3M6. Suppose you want to estimate the Earth’s proportion of water very precisely. Specifically, you want the 99% percentile interval of the posterior distribution of p to be only 0.05 wide. This means the distance between the upper and lower bound of the interval should be 0.05. How many times will you have to toss the globe to do this?
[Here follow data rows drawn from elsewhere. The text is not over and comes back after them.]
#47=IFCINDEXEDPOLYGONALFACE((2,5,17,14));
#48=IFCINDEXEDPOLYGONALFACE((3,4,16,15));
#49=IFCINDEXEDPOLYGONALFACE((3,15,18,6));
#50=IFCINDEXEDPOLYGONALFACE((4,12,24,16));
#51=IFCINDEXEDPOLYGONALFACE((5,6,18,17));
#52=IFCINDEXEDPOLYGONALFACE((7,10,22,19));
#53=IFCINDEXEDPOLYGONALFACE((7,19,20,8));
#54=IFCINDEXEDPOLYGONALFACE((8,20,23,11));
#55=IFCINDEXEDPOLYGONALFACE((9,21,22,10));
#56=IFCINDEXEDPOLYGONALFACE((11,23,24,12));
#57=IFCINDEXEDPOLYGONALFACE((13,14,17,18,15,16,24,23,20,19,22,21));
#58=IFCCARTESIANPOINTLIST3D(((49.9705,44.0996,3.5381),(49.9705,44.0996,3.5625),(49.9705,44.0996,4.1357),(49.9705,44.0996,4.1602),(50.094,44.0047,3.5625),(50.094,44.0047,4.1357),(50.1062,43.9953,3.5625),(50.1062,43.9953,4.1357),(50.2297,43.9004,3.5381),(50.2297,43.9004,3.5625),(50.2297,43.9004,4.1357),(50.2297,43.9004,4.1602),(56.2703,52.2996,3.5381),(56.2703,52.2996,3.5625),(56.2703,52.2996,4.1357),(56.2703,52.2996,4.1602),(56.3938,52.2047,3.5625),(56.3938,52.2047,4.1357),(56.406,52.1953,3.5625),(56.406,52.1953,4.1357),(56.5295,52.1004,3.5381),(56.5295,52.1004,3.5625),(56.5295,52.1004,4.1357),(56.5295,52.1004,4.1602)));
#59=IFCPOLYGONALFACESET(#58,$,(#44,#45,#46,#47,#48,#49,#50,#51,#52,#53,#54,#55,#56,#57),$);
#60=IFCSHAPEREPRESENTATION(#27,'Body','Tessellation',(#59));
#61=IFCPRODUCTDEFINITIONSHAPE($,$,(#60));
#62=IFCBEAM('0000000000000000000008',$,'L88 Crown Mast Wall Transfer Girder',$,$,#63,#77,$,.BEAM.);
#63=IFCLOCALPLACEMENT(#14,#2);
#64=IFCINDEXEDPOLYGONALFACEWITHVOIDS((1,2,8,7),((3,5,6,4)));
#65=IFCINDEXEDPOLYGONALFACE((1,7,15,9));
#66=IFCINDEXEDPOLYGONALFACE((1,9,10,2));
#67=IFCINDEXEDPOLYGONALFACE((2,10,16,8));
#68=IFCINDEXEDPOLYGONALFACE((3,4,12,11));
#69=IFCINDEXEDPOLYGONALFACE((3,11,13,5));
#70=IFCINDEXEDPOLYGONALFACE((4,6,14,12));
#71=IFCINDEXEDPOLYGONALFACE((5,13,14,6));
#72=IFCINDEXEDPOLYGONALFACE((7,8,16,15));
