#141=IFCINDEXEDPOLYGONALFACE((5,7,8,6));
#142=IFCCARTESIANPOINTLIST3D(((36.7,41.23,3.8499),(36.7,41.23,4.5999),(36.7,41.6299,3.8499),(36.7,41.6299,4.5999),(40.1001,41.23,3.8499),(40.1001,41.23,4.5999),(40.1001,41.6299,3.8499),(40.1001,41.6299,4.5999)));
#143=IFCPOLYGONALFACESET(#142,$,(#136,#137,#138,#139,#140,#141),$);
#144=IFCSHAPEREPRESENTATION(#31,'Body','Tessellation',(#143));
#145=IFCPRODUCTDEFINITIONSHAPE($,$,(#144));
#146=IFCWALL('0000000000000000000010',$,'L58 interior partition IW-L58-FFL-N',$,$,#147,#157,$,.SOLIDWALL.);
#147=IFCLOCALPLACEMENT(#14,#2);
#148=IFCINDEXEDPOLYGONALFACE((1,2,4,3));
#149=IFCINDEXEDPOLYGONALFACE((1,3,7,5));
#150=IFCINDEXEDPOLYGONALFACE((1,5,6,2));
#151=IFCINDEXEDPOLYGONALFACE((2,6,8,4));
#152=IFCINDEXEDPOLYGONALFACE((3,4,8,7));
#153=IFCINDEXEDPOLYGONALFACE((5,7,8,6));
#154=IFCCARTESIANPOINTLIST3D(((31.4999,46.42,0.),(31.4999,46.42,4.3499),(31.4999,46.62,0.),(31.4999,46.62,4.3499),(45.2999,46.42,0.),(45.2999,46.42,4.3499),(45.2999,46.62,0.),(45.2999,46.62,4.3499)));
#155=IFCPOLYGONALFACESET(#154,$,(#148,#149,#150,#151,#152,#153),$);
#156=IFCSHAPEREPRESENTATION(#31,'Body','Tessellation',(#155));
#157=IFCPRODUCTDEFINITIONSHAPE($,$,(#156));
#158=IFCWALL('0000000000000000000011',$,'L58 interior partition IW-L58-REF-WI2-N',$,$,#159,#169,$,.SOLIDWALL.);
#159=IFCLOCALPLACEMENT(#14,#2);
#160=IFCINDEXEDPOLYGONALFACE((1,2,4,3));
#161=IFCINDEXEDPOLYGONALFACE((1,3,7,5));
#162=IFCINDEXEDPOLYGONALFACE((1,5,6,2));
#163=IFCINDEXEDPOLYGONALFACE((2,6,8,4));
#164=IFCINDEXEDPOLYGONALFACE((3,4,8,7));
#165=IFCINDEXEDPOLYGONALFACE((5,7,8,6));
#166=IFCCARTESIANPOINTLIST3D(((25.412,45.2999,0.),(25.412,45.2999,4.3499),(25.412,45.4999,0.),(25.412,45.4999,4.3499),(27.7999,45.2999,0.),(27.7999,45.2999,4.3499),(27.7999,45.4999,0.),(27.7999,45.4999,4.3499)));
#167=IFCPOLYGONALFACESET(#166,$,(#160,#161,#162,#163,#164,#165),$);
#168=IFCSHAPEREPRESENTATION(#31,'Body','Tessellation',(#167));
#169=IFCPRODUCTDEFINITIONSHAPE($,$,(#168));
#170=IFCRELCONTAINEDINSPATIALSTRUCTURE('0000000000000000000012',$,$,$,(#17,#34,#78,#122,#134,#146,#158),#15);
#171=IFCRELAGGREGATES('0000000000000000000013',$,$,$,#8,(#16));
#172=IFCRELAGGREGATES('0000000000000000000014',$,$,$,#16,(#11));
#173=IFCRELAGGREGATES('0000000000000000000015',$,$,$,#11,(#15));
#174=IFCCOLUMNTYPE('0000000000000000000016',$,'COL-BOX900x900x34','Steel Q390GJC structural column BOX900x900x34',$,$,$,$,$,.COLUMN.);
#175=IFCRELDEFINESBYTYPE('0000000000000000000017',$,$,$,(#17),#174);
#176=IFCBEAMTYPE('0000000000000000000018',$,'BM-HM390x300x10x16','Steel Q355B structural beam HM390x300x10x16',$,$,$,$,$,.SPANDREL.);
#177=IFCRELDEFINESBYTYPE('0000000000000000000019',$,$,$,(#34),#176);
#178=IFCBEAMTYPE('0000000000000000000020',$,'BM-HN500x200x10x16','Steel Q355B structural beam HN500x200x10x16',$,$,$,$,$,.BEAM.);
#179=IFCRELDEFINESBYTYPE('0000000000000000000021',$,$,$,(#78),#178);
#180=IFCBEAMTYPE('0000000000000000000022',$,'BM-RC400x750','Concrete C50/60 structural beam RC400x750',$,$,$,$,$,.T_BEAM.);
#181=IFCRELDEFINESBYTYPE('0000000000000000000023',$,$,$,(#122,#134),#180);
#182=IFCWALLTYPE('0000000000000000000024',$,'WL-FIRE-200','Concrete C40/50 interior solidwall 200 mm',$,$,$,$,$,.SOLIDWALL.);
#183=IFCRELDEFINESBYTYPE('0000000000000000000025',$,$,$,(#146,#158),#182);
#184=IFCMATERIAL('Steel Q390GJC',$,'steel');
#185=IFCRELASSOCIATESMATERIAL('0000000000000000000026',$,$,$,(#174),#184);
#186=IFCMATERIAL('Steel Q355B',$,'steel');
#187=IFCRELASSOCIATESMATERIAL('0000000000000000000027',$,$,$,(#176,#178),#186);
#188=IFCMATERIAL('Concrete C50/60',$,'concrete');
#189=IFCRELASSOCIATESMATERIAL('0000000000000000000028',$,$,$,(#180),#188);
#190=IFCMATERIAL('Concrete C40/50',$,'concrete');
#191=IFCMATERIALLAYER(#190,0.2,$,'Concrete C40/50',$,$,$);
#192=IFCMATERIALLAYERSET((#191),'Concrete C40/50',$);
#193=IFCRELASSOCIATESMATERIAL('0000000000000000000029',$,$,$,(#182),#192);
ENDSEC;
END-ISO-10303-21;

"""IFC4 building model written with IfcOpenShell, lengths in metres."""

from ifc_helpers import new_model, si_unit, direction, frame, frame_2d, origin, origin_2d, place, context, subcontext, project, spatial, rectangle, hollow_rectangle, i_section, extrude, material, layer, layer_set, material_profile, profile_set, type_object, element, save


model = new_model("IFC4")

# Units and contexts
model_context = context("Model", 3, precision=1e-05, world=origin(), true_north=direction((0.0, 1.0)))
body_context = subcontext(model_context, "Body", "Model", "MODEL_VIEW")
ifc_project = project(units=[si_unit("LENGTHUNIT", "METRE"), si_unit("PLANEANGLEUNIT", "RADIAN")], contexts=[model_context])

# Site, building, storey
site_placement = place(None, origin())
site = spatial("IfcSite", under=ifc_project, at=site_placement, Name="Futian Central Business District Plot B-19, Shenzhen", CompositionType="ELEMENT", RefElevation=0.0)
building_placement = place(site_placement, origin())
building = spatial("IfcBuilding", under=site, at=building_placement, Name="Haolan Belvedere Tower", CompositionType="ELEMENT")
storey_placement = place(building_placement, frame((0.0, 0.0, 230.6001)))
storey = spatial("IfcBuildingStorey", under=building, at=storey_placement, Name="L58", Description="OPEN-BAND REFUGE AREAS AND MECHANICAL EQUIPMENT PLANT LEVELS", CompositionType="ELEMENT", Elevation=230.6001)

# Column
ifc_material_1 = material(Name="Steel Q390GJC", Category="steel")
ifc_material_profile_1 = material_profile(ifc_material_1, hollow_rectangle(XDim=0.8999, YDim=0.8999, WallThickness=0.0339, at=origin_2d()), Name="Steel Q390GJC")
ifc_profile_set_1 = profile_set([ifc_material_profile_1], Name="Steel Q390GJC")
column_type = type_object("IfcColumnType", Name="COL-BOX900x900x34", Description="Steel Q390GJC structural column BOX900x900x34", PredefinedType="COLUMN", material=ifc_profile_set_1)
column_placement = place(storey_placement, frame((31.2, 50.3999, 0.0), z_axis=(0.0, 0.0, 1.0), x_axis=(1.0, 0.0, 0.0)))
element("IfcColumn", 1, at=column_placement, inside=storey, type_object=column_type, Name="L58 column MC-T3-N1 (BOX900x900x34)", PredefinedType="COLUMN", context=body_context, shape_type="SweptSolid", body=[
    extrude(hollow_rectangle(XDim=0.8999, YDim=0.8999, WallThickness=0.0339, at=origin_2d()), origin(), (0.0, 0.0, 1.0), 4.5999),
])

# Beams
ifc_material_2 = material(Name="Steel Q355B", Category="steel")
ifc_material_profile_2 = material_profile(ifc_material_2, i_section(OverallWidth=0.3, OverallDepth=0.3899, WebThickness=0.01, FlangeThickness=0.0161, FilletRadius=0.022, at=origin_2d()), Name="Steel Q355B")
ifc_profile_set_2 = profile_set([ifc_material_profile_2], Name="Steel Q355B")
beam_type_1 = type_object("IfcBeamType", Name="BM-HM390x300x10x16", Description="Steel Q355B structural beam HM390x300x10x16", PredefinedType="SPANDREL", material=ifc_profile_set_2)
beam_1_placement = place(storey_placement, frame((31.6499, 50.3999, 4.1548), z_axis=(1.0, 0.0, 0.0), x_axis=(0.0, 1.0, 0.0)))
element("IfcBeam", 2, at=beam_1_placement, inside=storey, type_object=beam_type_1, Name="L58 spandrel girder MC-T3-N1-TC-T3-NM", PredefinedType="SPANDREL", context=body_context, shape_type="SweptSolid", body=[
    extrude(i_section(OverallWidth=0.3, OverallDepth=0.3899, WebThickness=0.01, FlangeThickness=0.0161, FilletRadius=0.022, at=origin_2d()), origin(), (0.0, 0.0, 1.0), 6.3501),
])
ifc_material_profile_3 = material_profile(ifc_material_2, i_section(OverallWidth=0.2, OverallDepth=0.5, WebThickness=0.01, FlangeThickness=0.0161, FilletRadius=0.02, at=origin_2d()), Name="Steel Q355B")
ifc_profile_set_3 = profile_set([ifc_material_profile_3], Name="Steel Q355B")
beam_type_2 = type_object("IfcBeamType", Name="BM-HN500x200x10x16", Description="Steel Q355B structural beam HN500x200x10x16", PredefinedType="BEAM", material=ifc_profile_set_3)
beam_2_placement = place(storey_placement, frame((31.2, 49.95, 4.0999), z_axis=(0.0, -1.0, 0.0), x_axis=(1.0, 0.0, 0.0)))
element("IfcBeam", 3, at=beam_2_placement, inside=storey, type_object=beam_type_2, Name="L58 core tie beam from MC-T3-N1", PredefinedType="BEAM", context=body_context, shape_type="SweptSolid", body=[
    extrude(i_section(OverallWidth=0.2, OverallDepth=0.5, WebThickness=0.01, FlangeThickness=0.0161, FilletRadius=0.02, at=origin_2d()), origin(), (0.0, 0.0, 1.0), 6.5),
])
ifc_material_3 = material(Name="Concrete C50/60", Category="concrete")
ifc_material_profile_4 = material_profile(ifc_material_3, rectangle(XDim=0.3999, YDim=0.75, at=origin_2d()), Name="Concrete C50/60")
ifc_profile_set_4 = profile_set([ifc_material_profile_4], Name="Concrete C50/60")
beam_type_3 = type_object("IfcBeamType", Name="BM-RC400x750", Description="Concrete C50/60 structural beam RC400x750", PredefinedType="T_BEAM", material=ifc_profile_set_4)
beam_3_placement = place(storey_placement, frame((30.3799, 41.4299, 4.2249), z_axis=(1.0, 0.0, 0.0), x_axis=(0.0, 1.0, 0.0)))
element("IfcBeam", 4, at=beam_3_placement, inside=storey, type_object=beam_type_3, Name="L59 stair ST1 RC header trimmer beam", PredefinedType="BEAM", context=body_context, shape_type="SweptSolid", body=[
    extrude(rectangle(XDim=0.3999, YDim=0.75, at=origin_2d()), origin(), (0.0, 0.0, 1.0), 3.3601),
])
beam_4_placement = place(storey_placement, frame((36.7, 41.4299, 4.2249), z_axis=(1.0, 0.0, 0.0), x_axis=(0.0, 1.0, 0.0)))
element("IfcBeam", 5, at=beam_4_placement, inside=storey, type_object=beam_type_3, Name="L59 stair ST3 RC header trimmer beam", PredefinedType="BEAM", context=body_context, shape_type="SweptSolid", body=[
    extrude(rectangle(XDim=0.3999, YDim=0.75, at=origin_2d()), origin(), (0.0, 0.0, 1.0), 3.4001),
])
# We can setup a function to compute the PI interval using the p value of 0.7 (actual percentage of water)
compute_width <- function(N) {
p <- 0.7
p_grid <- seq( from=0 , to=1 , length.out=1000 )
simulate_samples <- rbinom( 1, size = N, prob = p)
prior <- rep(1, 1000)
likelihood <- dbinom( simulate_samples , size=N , prob=p_grid )
posterior <- likelihood * prior
posterior <- posterior / sum(posterior)
samples <- sample( p_grid, prob=posterior , size=10000, replace=TRUE )
interval = PI(samples, 0.99)
width = interval[2] - interval[1]
return (width)
}
# Now we try different numbver of toss
N <- 100
compute_width(N)
## 100%
## 0.2302352
N <- 500
compute_width(N)
## 100%
## 0.1021021
N <- 1000
compute_width(N)
## 100%
## 0.07407407
N <- 1500
compute_width(N)
## 100%
## 0.06006006
N <- 2000
compute_width(N)
## 100%
## 0.05205205
N <- 2100
compute_width(N)
## 100%
## 0.05305305
N <- 2200
compute_width(N)
## 100%
## 0.05105105
N <- 2300
compute_width(N)
## 100%
## 0.04904905
# So we can conclude that it can take 2300 toss to get the interval to be 0.05.